The Critics: ‘Postcards from Ed: Dispatches and Salvos from an American Iconoclast’
Travel Blog • Jim Benning • 11.20.06 | 12:27 PM ET
If you love the oudoors, it’s hard not to love Edward Abbey, author of the classic Utah memoir Desert Solitaire. (“Since you cannot get the desert into a book any more than a fisherman can haul up the sea with his nets,” Abbey memorably wrote in “Solitaire,” “I have tried to create a world of words in which the desert figures more as a medium than as material.”) Abbey died in 1989, and now, a publisher has collected 236 letters he wrote over his lifetime, in a collection entitled Postcards from Ed
. It was reviewed in Sunday’s New York Times.

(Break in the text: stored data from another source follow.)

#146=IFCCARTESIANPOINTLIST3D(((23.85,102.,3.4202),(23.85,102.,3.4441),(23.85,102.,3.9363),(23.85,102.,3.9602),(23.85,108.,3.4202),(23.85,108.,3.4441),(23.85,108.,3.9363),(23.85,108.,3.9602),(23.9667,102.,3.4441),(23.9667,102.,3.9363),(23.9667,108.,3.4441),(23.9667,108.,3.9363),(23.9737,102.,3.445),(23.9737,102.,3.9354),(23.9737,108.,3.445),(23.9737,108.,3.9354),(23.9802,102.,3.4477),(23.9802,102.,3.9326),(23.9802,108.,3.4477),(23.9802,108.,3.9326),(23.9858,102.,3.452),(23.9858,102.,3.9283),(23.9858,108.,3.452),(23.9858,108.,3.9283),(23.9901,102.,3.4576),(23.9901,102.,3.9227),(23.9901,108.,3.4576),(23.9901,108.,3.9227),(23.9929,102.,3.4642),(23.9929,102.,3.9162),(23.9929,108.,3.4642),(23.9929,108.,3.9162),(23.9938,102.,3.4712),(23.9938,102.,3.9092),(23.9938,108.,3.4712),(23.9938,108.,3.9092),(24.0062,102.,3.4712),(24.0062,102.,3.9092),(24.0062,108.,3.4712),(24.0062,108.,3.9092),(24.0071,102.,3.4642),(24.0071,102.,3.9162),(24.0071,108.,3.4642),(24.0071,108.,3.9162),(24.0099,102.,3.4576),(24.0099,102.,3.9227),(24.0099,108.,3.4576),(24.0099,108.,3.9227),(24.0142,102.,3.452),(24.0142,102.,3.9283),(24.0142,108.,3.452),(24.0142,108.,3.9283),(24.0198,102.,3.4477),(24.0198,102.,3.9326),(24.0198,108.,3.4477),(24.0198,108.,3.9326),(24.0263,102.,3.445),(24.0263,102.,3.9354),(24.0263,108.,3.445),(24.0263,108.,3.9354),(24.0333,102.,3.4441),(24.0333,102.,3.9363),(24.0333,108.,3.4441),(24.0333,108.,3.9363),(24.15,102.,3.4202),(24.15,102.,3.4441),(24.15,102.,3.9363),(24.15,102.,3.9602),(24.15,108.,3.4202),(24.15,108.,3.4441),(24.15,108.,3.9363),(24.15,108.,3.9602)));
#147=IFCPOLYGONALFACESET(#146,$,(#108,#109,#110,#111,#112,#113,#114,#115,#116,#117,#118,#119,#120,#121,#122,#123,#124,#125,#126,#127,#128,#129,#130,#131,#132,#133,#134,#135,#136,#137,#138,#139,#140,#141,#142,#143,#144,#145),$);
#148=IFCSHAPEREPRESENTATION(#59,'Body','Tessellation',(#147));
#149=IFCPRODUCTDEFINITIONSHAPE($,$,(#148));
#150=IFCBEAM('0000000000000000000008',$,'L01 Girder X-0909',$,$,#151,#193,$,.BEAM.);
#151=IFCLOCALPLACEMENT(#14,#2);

Writes Jonathan Miles: “If few surprises are embedded in this trim selection of letters, edited by Abbey’s pal David Petersen, it’s because Abbey, on the page, was always Abbey: free ranging, cymbal crashing, an anarchist in mind as well as politics, encased throughout his life in an ever-shaken snow globe of contradictions, provocations, bathroom-wall jokes and fortissimo declarations.” That may be so, but die-hard Abbey fans are sure to add it to their collections.
TambourineMan 11.21.06 | 10:31 PM ET
Thanks for the heads-up, Jim. I’ll check this out.